Question

The equilibrium concentrations of the species in the reaction A + B \(\rightleftharpoons\) C + D are 2, 3, 10 and 6 mol L\(^{-1}\) respectively at 300 K. \(\Delta\)G\(^{0}\) for the reaction is
(R = 2 cal/mol K)

• A. \(-13.73\) cal
• B. \(1372.60\) cal
• C. \(-137.26\) cal
• D. \(-1381.80\) cal
• E.

Hint:

Remember that \(\ln(10) \approx 2.303\).
In multiple-choice questions, if \(K_{c}>1\), \(\Delta G^{0}\) must be negative.
Check the units of R (cal vs Joules) to match the options.

Answer 1

The Correct Option is D

Step 1: Understanding the Question:
The question asks to calculate the standard Gibbs free energy change (\(\Delta G^{0}\)) for the given chemical reaction at 300 K.
We are provided with the equilibrium concentrations of reactants and products, the temperature, and the gas constant \(R\).

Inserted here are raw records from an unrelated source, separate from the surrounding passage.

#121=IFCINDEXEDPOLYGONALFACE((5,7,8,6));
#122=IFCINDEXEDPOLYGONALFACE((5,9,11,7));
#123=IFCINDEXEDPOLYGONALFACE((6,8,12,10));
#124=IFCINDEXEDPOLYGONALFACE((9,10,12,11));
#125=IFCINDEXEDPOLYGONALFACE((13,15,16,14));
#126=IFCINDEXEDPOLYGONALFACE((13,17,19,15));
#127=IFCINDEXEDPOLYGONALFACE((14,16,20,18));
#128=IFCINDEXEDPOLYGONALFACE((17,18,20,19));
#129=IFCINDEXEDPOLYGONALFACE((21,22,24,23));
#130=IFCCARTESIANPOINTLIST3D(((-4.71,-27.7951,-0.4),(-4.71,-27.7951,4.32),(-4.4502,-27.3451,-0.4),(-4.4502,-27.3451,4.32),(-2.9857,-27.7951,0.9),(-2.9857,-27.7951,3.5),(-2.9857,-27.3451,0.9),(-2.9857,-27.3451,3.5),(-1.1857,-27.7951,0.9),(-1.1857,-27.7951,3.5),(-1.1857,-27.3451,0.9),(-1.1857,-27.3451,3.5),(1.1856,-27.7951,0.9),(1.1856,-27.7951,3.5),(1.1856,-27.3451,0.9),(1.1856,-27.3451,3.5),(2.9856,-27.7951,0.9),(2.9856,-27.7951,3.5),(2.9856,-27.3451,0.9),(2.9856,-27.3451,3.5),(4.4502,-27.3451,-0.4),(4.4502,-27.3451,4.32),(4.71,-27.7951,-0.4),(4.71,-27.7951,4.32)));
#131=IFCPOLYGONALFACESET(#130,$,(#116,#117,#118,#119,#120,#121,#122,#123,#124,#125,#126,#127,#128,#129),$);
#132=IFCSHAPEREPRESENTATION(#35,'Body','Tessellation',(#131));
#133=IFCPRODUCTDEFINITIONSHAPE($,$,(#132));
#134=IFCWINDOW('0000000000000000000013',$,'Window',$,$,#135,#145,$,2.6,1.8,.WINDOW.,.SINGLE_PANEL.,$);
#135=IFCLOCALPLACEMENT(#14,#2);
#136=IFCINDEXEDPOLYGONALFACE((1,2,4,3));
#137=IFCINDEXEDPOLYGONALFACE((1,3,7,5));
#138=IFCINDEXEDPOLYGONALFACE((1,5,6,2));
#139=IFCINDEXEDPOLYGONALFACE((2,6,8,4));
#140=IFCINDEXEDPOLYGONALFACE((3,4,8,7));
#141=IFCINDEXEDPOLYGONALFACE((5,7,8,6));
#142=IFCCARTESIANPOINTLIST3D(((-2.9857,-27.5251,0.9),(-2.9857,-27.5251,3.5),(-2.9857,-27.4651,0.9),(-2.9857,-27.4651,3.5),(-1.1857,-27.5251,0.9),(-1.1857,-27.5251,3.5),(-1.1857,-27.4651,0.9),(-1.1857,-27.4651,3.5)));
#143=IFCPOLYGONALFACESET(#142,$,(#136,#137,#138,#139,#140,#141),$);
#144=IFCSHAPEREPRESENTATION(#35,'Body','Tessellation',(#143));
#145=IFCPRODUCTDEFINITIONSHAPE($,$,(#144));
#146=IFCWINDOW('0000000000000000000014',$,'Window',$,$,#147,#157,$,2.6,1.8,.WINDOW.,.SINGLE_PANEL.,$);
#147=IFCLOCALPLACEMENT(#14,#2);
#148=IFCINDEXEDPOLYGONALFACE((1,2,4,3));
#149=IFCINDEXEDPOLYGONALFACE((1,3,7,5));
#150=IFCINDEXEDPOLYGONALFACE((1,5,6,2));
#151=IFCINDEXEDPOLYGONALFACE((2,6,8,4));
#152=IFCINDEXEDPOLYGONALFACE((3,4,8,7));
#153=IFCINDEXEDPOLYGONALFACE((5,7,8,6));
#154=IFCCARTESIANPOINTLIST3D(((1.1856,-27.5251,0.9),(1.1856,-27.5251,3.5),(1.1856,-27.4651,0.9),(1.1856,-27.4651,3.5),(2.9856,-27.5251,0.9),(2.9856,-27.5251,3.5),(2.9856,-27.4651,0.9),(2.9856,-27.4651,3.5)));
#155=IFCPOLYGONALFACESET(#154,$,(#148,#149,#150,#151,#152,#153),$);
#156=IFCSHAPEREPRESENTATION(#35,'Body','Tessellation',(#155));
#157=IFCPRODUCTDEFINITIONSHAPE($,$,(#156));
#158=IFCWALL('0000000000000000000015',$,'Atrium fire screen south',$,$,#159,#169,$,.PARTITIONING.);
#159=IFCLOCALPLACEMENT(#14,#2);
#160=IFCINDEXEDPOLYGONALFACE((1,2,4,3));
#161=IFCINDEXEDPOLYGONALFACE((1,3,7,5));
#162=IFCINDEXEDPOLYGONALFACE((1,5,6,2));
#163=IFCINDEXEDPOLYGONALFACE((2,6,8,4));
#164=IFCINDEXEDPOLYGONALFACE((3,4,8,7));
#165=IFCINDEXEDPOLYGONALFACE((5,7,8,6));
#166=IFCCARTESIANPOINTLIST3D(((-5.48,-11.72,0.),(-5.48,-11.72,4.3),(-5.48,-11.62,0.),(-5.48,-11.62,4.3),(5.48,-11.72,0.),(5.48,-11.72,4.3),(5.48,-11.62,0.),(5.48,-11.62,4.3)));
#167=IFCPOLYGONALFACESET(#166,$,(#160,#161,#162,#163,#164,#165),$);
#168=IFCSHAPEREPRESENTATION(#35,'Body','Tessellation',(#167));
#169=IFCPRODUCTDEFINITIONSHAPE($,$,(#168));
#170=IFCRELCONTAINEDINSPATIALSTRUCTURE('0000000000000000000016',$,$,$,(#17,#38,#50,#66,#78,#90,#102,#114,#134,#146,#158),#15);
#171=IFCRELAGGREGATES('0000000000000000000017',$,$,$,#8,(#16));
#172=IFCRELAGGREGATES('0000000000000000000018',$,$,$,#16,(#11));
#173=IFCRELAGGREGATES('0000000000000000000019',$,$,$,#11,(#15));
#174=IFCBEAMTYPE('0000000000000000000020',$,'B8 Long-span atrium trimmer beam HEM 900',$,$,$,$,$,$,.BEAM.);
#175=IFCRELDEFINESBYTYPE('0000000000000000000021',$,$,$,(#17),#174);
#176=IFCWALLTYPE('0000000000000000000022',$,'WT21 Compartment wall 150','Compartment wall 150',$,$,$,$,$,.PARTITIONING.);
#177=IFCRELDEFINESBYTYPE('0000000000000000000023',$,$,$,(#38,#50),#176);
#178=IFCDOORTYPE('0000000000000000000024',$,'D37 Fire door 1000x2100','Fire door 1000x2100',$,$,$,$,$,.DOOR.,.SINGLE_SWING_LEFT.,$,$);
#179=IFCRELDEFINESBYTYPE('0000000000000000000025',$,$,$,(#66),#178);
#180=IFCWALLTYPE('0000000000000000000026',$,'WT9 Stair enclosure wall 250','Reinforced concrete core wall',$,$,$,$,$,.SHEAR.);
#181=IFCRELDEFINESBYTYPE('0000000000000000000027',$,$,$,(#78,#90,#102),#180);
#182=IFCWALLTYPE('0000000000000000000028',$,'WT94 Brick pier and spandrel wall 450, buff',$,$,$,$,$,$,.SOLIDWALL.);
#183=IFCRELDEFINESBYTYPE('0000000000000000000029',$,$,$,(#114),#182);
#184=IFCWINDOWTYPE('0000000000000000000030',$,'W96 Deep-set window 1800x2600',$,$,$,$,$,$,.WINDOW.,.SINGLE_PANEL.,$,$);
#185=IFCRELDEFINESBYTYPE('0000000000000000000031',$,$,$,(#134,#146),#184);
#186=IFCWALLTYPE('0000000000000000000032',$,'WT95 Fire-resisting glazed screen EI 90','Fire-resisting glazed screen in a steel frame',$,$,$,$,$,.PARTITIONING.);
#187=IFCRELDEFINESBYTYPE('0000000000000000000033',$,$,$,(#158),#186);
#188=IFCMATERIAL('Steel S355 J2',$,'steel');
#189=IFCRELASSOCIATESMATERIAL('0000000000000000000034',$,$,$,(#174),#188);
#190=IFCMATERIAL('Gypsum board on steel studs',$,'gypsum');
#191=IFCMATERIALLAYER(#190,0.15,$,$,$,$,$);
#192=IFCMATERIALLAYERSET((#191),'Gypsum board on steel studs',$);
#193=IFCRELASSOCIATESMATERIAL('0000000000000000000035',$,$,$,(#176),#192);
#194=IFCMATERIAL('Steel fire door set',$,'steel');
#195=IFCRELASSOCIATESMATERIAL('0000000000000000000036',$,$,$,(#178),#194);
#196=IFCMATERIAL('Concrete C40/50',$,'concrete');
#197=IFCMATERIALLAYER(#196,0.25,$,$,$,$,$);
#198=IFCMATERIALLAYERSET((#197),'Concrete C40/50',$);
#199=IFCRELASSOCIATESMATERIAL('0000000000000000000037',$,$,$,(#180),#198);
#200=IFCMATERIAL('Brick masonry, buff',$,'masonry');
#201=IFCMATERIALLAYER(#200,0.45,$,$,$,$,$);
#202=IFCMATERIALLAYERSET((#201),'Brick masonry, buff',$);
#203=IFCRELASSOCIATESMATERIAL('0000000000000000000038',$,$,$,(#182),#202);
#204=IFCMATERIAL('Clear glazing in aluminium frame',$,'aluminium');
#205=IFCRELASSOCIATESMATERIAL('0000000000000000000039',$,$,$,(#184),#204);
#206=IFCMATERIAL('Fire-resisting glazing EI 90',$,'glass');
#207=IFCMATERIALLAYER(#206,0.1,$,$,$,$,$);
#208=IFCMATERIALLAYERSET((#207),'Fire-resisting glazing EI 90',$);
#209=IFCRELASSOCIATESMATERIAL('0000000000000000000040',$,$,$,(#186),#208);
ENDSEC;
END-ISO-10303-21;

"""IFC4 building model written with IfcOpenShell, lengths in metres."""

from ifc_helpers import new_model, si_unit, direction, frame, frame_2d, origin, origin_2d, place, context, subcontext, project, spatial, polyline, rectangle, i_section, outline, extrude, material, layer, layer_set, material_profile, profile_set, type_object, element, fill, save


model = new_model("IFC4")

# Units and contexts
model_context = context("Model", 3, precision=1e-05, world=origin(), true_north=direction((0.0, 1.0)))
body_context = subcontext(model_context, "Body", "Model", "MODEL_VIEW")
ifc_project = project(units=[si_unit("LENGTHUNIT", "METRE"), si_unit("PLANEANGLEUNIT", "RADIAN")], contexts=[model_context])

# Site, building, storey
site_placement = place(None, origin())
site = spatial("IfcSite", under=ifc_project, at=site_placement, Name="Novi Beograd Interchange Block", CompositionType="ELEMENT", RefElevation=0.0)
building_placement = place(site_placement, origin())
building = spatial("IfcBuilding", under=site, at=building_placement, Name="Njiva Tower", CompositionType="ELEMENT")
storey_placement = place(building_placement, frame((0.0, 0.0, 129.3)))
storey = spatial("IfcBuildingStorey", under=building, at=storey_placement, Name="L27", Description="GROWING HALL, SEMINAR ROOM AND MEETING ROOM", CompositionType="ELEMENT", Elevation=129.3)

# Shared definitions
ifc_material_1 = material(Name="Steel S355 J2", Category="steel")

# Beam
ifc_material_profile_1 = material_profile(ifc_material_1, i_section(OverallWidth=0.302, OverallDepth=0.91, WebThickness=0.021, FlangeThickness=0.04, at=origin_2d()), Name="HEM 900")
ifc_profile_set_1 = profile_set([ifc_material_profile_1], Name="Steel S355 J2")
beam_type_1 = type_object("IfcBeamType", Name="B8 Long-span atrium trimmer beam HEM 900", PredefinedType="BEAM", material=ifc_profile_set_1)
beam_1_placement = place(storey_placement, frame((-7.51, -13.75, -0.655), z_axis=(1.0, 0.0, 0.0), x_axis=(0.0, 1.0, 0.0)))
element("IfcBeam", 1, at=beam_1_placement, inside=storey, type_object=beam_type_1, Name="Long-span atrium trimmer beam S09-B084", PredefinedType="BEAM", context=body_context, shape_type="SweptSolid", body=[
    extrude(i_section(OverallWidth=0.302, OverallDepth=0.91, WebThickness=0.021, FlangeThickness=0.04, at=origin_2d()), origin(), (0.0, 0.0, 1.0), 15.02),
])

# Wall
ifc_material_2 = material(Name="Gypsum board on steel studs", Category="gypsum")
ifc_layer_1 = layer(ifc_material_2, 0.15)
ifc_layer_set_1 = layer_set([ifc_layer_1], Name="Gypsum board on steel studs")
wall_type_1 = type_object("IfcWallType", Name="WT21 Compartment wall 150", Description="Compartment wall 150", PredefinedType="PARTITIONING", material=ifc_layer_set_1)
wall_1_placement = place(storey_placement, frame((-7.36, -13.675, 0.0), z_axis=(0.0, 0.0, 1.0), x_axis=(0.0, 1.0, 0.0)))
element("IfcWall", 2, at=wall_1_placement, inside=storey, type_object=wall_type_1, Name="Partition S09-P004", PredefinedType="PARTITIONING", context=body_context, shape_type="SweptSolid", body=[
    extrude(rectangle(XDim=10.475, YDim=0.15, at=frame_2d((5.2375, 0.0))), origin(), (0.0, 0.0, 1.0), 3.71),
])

Step 2: Key Formula or Approach:
The standard Gibbs free energy change is related to the equilibrium constant (\(K_{c}\)) by the formula:
\[ \Delta G^{0} = -RT \ln K_{c} \] Where:
\(R\) is the gas constant (\(2 \text{ cal/mol K}\))
\(T\) is the absolute temperature (\(300 \text{ K}\))
\(K_{c}\) is the equilibrium constant based on molar concentrations.

Step 3: Detailed Explanation:
First, we find the equilibrium constant \(K_{c}\) for the reaction:
\[ \text{A} + \text{B} \rightleftharpoons \text{C} + \text{D} \] \[ K_{c} = \frac{[\text{C}][\text{D}]}{[\text{A}][\text{B}]} \] Substituting the given equilibrium concentrations:
\[ K_{c} = \frac{10 \times 6}{2 \times 3} = \frac{60}{6} = 10 \] Now, calculate \(\Delta G^{0}\):
\[ \Delta G^{0} = -R \times T \times \ln(K_{c}) \] Using the relation \(\ln(x) \approx 2.303 \log_{10}(x)\):
\[ \Delta G^{0} = -2 \times 300 \times 2.303 \times \log_{10}(10) \] Since \(\log_{10}(10) = 1\):
\[ \Delta G^{0} = -600 \times 2.303 \] \[ \Delta G^{0} = -1381.8 \text{ cal} \]

Step 4: Final Answer:
The standard Gibbs free energy change for the reaction is \(-1381.80\) cal.